Faster high-accuracy log-concave sampling via algorithmic warm starts

Understanding the complexity of sampling from a strongly log-concave and log-smooth distribution $\pi$ on $\mathbb{R}^d$ to high accuracy is a fundamental problem, both from a practical and theoretical standpoint. In practice, high-accuracy samplers such as the classical Metropolis-adjusted Langevin algorithm (MALA) remain the de facto gold standard; and in theory, via the proximal sampler reduction, it is understood that such samplers are key for sampling even beyond log-concavity (in particular, for distributions satisfying isoperimetric assumptions). In this work, we improve the dimension dependence of this sampling problem to $\tilde{O}(d^{1/2})$, whereas the previous best result for MALA was $\tilde{O}(d)$. This closes the long line of work on the complexity of MALA, and moreover leads to state-of-the-art guarantees for high-accuracy sampling under strong log-concavity and beyond (thanks to the aforementioned reduction). Our starting point is that the complexity of MALA improves to $\tilde{O}(d^{1/2})$, but only under a warm start (an initialization with constant R\'enyi divergence w.r.t. $\pi$). Previous algorithms took much longer to find a warm start than to use it, and closing this gap has remained an important open problem in the field. Our main technical contribution settles this problem by establishing the first $\tilde{O}(d^{1/2})$ R\'enyi mixing rates for the discretized underdamped Langevin diffusion. For this, we develop new differential-privacy-inspired techniques based on R\'enyi divergences with Orlicz--Wasserstein shifts, which allow us to sidestep longstanding challenges for proving fast convergence of hypocoercive differential equations.
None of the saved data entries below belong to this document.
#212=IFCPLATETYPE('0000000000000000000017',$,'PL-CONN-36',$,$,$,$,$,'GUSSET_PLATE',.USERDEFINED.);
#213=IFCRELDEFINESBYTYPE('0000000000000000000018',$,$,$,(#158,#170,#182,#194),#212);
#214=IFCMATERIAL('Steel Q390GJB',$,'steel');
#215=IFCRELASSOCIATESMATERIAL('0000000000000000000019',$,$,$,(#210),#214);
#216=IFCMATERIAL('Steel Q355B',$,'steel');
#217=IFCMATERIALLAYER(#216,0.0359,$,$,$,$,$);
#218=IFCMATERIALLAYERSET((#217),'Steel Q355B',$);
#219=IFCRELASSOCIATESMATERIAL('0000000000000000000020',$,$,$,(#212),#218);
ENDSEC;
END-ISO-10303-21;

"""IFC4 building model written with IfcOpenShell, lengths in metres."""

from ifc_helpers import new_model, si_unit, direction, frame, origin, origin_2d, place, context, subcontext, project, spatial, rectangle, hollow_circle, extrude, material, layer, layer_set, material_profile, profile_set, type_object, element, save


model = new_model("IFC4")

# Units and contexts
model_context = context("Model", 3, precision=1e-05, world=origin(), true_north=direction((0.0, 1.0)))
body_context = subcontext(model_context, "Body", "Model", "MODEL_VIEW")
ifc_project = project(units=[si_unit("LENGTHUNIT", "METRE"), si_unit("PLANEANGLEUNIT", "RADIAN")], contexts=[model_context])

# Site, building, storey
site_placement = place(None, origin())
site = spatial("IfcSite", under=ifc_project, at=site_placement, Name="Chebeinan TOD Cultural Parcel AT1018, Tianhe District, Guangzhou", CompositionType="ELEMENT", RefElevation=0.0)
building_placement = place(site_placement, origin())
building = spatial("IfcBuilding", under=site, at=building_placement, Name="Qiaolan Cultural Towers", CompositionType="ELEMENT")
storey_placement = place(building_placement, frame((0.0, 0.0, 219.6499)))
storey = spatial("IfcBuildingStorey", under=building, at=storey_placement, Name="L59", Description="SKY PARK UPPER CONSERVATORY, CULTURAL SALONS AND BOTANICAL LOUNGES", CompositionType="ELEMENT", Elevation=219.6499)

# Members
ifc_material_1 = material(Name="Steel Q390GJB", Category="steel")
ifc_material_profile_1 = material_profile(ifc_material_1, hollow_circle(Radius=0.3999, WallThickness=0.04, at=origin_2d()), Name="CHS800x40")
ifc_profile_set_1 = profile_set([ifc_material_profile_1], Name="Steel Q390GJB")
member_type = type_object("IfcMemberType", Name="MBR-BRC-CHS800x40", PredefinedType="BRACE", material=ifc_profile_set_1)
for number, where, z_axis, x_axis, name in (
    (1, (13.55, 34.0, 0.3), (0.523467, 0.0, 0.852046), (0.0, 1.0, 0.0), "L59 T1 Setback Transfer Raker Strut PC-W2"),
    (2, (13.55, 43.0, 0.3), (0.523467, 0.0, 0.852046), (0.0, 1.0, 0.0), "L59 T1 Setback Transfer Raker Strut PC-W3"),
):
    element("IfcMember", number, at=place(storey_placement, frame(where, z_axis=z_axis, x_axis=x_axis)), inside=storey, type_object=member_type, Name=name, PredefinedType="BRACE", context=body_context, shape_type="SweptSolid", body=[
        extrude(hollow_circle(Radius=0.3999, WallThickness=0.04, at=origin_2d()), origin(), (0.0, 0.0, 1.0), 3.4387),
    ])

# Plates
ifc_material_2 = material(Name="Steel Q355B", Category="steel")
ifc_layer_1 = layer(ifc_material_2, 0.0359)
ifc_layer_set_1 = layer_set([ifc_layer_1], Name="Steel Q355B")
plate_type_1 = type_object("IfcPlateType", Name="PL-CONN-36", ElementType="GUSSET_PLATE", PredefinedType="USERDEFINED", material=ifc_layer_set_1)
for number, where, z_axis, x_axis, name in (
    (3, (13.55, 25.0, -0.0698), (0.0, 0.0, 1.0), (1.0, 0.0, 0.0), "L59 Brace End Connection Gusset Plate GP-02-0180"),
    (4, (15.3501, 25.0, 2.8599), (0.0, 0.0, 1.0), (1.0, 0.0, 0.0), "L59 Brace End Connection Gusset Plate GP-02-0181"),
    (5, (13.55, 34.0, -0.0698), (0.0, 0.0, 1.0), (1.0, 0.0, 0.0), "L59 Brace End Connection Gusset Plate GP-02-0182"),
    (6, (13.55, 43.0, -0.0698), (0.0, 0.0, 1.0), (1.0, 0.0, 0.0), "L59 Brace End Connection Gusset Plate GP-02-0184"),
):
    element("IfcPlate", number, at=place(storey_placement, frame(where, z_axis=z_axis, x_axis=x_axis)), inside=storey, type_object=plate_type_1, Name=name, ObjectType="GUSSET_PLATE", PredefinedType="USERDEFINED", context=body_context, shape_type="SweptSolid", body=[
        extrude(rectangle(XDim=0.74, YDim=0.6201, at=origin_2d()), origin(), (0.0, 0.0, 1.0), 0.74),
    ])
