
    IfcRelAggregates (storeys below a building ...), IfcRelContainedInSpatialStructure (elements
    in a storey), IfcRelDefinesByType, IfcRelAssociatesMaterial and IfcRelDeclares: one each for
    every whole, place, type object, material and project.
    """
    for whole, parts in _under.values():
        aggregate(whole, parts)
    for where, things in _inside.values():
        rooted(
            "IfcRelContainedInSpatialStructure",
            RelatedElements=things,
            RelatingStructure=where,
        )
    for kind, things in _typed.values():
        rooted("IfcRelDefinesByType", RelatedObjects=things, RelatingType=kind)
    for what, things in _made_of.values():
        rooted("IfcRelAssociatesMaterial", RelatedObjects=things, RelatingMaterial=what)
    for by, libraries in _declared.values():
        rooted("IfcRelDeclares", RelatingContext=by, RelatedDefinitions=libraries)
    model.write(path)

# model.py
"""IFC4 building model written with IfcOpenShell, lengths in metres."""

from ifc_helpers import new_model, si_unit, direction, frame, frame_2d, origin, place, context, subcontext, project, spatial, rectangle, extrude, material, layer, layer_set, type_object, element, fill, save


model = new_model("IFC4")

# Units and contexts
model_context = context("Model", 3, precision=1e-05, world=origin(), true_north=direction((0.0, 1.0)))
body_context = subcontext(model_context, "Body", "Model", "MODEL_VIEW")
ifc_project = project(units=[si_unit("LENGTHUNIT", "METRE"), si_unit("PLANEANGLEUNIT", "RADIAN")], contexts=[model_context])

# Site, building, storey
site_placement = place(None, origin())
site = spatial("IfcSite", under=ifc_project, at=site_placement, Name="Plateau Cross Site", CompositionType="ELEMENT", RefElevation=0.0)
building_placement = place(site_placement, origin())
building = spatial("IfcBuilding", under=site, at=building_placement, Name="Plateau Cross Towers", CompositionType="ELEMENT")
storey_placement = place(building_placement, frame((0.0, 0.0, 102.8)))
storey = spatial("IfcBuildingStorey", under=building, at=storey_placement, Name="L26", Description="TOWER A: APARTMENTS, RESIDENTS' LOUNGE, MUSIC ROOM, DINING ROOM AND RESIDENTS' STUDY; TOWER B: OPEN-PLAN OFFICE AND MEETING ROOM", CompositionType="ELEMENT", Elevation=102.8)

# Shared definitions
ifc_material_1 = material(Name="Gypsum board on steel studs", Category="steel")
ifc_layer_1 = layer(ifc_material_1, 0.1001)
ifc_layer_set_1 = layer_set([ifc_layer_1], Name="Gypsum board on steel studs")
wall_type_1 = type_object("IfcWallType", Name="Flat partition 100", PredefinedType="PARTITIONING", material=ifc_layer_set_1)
翻译：理解从强对数凹且对数光滑分布π（在ℝ^d上）进行高精度采样的复杂性，是一个基础性问题，兼具实践与理论意义。实践中，经典Metropolis调整Langevin算法（MALA）等高精度采样器仍保持事实上的黄金标准；理论上，通过近端采样器约化，此类采样器对于超越对数凹性的采样（特别是满足等周假设的分布）至关重要。本研究将该采样问题的维度依赖优化至Õ(d^{1/2})，而MALA先前最优结果为Õ(d)。这终结了MALA复杂性的长期研究，并借助前述约化，进一步为强对数凹性及更广泛条件下的高精度采样提供最优保证。我们的出发点是发现：MALA的复杂度可降至Õ(d^{1/2})，但仅当采用热启动（相对于π具有常数Rényi散度的初始化）时成立。此前算法寻找热启动的时间远长于利用热启动的时间，弥合这一差距成为领域长期未决的开放问题。我们的主要技术贡献在于：首次建立离散化欠阻尼Langevin扩散的Õ(d^{1/2}) Rényi混合速率。为此，我们发展了基于Orlicz-Wasserstein移位下Rényi散度的新型差分隐私启发技术，从而规避了证明次驱散微分方程快速收敛的长期挑战。